In other quarters they went on disputing and deciding
with mutual anathemas the question of transfiguration
and many other mysteries, which, being mysteries,
constitute the private dominion of belief; but the
doctrine of charity none of them disputes; there they
all agree; nay, in the idle times of scholastical subtility,
they have been quarrelling about the most extravagant
fancies of a scorched imagination. Mighty folios
have been written about the problem, how many angels
could dance upon the top of a needle without touching
each other? The folly of subtility went so far
as to profane the sacred name of God, by disputing
if He, being omnipotent, has the power to sin?
If, in the holy wafer, He be present dressed or undressed?

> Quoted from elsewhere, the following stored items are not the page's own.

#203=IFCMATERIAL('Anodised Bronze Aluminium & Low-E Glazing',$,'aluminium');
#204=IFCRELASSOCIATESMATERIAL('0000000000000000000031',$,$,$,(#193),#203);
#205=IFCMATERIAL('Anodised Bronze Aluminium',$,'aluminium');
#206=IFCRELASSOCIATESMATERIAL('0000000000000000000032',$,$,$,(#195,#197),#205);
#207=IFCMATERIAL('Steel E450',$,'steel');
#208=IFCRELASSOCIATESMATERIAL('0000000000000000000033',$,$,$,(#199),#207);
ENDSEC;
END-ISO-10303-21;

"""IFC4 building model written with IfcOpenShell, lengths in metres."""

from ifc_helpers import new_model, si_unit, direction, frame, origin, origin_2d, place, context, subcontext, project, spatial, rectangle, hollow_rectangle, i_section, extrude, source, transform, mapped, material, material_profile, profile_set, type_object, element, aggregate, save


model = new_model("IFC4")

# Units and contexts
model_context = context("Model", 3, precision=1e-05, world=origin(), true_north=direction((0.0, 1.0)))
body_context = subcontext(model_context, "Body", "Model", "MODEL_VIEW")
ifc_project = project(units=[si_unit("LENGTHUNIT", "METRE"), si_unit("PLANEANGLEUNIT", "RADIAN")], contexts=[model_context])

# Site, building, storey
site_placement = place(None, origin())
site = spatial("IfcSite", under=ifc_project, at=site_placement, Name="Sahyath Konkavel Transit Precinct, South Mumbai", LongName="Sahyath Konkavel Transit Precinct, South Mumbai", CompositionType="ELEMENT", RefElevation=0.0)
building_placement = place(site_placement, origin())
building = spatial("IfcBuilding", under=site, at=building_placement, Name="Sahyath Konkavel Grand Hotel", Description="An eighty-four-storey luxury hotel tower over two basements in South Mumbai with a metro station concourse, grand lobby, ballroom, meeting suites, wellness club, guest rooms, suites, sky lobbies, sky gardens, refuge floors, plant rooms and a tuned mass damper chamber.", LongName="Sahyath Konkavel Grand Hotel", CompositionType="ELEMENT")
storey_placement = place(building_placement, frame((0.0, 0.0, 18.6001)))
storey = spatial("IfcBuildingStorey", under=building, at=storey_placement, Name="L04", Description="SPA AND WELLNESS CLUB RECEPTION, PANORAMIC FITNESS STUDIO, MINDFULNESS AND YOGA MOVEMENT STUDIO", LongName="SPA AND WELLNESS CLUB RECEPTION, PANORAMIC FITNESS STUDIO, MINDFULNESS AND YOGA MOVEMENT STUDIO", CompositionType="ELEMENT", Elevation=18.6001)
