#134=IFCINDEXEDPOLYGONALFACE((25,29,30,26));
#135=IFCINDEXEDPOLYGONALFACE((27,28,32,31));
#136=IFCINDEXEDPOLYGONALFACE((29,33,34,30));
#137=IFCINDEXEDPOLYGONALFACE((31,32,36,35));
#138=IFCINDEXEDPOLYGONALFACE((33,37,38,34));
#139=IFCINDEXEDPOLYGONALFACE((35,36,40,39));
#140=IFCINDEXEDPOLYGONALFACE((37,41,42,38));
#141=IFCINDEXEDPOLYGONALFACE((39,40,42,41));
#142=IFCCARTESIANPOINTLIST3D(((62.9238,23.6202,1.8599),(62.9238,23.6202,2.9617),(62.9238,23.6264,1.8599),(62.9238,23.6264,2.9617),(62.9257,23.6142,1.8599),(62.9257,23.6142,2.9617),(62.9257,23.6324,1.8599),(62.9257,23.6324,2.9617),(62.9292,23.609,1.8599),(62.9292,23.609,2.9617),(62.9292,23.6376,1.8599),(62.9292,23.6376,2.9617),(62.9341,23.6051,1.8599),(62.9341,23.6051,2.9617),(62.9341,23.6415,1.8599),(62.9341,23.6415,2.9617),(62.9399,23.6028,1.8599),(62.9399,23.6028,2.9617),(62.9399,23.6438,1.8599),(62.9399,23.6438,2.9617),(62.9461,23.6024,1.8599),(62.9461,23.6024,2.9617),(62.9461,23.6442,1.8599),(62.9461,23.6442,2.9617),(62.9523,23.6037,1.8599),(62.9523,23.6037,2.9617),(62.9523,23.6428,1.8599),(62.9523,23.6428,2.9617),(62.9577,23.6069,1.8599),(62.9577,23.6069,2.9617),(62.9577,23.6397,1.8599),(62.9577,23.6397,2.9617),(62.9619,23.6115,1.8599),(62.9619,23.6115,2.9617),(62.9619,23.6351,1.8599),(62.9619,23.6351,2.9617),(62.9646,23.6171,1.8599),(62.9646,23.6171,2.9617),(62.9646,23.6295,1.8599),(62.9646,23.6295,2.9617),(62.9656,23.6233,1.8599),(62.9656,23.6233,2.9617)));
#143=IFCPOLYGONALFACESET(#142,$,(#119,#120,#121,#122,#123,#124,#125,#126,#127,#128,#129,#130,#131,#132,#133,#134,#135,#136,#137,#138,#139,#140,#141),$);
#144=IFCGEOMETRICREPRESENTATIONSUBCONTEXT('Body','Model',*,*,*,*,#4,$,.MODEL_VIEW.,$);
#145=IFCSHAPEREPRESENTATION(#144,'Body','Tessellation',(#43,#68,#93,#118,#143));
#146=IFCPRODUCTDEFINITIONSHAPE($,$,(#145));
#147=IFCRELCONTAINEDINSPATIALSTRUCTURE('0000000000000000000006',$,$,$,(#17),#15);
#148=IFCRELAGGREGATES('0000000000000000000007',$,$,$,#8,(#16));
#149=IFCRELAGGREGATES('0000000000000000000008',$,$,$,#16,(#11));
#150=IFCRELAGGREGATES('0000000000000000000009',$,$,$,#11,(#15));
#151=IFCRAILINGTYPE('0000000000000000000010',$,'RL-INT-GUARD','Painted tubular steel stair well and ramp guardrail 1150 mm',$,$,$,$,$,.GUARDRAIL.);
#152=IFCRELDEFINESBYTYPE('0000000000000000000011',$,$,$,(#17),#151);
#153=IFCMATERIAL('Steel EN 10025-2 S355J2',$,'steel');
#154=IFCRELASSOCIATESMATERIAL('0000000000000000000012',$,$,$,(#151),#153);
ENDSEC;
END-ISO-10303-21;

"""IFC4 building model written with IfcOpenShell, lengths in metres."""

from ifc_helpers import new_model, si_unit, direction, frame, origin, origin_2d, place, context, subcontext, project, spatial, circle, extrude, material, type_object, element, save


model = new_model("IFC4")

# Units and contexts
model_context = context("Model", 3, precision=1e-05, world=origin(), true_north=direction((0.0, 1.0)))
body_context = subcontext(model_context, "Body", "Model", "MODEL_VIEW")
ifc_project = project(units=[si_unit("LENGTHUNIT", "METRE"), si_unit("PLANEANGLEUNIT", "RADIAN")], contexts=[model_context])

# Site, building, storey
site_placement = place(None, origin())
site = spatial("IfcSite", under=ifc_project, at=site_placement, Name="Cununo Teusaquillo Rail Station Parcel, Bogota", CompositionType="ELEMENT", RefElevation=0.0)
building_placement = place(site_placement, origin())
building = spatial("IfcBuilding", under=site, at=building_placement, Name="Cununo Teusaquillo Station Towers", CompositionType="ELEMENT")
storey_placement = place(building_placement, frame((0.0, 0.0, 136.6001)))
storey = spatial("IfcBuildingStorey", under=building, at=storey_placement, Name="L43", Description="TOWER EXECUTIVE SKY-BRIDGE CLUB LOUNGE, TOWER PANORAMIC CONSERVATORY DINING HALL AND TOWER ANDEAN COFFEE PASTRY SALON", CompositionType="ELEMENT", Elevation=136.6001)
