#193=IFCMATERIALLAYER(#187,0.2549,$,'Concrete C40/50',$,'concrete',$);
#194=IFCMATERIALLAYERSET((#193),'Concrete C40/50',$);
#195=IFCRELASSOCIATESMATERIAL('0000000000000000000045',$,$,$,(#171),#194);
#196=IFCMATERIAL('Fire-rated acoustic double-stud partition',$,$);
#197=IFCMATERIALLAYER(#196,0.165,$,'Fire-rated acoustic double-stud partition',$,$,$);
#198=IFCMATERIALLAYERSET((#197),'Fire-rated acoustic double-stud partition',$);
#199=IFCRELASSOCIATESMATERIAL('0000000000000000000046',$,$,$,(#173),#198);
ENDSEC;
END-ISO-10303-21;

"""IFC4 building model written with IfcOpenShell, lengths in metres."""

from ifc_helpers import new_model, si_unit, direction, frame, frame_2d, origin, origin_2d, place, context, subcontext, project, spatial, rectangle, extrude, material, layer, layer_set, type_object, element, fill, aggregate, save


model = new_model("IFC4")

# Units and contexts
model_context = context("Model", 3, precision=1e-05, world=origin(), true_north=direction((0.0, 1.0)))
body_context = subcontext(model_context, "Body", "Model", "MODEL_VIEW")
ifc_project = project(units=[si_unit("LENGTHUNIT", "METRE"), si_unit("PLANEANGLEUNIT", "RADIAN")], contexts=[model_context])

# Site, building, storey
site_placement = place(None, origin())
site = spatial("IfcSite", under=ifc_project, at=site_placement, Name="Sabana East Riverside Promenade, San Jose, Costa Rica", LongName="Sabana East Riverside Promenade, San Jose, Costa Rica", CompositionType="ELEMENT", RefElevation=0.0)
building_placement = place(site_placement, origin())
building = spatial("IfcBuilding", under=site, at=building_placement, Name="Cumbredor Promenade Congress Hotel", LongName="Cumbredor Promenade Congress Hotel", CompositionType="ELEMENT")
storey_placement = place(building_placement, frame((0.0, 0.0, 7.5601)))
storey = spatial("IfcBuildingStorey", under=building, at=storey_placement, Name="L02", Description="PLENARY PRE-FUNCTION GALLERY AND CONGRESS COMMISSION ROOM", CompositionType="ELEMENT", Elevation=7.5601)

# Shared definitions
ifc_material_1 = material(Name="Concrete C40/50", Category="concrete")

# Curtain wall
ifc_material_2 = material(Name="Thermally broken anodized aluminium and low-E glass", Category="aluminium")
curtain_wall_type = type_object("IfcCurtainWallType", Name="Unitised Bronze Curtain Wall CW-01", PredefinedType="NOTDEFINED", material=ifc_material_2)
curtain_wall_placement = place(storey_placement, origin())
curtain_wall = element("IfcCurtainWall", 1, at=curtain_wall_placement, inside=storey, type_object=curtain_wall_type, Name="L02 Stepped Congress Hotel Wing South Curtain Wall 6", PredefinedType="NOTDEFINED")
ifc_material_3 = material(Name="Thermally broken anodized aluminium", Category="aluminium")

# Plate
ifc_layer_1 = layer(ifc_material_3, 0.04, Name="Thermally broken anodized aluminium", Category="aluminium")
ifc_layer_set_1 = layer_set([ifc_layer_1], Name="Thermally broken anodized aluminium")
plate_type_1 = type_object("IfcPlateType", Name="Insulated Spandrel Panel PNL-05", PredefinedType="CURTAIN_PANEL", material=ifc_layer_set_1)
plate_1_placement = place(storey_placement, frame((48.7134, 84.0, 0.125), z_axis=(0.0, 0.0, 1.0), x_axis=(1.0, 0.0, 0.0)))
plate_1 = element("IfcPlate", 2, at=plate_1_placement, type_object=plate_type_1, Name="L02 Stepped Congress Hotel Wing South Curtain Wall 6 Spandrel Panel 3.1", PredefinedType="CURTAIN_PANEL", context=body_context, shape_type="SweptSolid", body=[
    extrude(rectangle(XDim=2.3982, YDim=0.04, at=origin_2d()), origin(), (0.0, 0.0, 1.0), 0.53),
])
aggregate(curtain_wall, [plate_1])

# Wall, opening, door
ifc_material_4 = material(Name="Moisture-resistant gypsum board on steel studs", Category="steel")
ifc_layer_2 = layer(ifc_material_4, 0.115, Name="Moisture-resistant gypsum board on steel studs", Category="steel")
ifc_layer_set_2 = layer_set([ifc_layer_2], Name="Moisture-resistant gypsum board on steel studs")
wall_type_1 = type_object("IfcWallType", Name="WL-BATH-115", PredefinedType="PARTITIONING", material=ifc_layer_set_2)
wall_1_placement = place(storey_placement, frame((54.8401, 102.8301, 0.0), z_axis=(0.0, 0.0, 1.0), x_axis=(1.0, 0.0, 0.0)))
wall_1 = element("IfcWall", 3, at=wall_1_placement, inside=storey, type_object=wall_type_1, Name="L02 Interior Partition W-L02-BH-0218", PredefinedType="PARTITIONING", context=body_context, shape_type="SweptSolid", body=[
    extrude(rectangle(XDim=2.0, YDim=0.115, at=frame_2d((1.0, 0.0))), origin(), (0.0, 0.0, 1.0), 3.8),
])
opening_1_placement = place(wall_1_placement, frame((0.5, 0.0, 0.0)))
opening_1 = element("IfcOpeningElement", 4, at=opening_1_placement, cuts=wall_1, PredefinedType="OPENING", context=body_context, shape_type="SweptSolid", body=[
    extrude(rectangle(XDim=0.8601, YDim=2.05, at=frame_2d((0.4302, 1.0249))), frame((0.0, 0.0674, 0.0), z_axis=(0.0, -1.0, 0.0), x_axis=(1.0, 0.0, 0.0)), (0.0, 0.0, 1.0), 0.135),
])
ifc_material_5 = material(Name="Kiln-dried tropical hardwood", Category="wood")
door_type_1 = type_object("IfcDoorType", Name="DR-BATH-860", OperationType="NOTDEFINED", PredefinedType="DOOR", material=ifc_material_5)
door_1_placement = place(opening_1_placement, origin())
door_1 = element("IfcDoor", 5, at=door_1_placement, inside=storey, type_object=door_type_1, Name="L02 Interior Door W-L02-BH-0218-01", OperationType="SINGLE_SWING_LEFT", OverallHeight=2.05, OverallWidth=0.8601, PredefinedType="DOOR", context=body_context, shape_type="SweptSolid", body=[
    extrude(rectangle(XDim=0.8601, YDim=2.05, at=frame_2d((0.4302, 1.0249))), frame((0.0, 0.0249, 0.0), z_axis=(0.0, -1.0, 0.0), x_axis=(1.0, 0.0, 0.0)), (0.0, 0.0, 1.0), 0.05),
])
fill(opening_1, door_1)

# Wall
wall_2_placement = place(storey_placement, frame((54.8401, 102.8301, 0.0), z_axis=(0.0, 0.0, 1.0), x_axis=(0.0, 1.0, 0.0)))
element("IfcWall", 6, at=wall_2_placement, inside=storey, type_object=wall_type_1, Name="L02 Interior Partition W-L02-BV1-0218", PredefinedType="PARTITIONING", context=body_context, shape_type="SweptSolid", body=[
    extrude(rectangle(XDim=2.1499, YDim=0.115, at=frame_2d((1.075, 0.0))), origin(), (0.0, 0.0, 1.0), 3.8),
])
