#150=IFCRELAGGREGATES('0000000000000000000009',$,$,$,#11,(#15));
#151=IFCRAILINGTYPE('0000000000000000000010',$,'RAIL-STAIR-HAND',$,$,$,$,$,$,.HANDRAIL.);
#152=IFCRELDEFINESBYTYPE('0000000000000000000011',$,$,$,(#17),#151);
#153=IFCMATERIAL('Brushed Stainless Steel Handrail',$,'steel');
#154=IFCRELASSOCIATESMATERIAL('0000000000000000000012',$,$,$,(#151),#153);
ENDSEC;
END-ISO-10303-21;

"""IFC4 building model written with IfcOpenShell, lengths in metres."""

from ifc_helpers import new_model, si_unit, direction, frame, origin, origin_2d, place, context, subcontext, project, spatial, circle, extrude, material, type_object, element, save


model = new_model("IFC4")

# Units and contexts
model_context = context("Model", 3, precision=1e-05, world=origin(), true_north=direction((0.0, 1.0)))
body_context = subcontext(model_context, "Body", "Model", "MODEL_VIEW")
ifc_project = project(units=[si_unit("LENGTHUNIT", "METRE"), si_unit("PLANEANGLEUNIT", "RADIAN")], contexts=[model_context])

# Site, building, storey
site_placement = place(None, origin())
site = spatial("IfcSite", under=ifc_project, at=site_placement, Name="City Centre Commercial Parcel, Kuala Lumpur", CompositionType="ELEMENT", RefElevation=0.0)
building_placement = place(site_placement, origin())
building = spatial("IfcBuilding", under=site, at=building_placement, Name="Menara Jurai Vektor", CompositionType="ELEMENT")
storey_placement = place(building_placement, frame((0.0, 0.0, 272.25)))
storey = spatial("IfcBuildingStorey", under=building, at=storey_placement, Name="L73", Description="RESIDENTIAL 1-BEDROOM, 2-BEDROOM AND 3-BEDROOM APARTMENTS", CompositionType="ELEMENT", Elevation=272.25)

If the Saviour would have chosen the incarnation
in the shape of a gourd, instead of a man, how would
he have preached, how acted miracles, and how had
been crucified? And when they went to the theme
of investigating if it was a whip or a lash with which
the angels have whipped St. Jerome for trying to imitate
in his writings the pagan Cicero, it was but after
centuries that Abbot Cartaut dared to write that if
St. Jerome was whipped at all, he was whipped for
having
badly imitated Cicero. Still, the
doctrine of Christian charity is so sublime in its
simplicity, that not even the subtility of scholasticism
dared ever to profane it by any controversy, and still
that sublime doctrine is not executed, and the religion
of charity not realized yet. The task of this
glorious progress is only to be done by a free and
powerful nation, because it is a task of action, and
not of teaching. Individual man can but execute
it in the narrow compass of the small relations of
private life; it is only the power of a nation which
can raise it to become a ruling law on earth; and
before this is done, the triumph of Christianity is
not arrived—and without that triumph, the
freedom and prosperity even of the mightiest nation
is not for a moment safe from internal decay, or from
foreign violence.
Which is the nation to achieve that triumph of Christianity
by protecting justice out of charity? Which shall
do it, if not yours? Whom the Lord has blessed
above all, from whom He much expects, because He has
given her much.
Ye Ministers of the Gospel, who devote your lives
to expound the eternal truths of the book of life,
remember my humble words, and remind those who, with
pious hearts, listen to your sacred words, that half
virtue is no virtue at all, and that there is no difference
in the duties of charity between public and private
life.
Ye Missionaries, who devote your lives to the propagation
of Christianity, before you embark for the dangers
of far, inhospitable shores, remind those whom you
leave, that the example of a nation exercising right
and justice on earth by charity, would be the mightiest
propagandism of Christian religion.
Ye Patriots, loving your country’s future, and
anxious about her security, remember the admonitions
of history—remember that the freedom, the
power, and the prosperity in which your country glories,
is no new apparition on earth; others also had it,
and yet they are gone. The prudence with which
your forefathers have founded this commonwealth, the
courage with which you develop it, other nations also
have shown, and still they are gone.